Monday, August 28, 2006

Show Me Your Calvins

After seeing Invincible (twice) this weekend, it has to be said.
The tshirt was created for one purpose: to magnify Mark Wahlberg's arms in all their glory and splendor.

He doesn't just wear the tshirt. Not this leader of the Funky Bunch. He beats that tshirt into submission until the seams stretch and scream with pain - the kind of pain that hurts so good. Then he tells that tshirt to make him a sandwich, and the tshirt asks, "Mayo or mustard, sir?"

Cases in point, see Here, here, here, and most definitely here.

It's not that I don't take him seriously as an actor, its just that I've never wanted to be a tshirt so badly in my entire life.

Seeing Mark Wahlberg like this makes me forgive him for Planet of the Apes.
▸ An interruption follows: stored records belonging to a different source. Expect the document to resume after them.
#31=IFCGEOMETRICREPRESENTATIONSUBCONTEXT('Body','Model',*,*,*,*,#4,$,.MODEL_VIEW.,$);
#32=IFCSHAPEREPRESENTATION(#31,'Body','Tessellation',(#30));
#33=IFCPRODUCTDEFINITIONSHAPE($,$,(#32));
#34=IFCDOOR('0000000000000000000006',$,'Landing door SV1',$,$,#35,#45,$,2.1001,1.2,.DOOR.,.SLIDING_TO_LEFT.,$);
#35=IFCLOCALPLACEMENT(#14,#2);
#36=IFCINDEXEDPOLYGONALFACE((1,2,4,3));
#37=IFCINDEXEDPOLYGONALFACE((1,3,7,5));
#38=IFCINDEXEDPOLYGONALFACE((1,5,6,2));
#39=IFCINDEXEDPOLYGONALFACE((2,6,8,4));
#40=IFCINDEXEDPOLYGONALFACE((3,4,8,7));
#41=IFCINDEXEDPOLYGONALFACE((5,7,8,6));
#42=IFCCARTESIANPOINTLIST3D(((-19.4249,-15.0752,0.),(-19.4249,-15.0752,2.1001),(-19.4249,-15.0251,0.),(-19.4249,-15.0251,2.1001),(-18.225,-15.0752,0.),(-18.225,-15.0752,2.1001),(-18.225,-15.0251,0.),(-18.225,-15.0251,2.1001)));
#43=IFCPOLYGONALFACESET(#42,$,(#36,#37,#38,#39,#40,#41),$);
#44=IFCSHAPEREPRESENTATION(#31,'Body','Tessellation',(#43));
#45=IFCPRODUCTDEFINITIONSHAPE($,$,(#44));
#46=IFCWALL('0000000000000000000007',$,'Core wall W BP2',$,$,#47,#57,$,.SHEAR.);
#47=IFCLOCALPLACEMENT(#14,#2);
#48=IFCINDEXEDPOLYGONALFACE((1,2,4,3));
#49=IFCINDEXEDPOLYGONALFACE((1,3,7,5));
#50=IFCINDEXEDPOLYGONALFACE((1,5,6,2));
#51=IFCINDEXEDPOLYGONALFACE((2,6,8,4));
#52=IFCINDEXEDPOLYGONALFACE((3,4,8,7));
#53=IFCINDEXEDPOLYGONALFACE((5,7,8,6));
But as for The Funky Bunch, no apology needed, Marky Mark. I still have your cassette tape, and Donnie's got nothing on you.


barb said...

i've always thought Marky Mark was hot---> even when he gets shot in The Sixth Sense... mmm...those guns... hot, hot, hot. those are good enough to be called george q.s (cannon).

Bone Junior said...

Barbie Barbie Barbie... I'm shaking my head in shame. It's Donnie that gets shot in The Sixth Sense... get your NKOTB straight.

Andi Mae said...

Let's that photo for:

A: wet t-shirt
B: bulging muscles and abs
C: Philly Eagles
D: All of the above because you love men in wet t-shirts with bulging muscles who belong to Philly.

Please get your scantron and fill in the bubble. Points are taken off if you bubble outside the line.

barb said...

oops, i thought it was marky mark. my bad.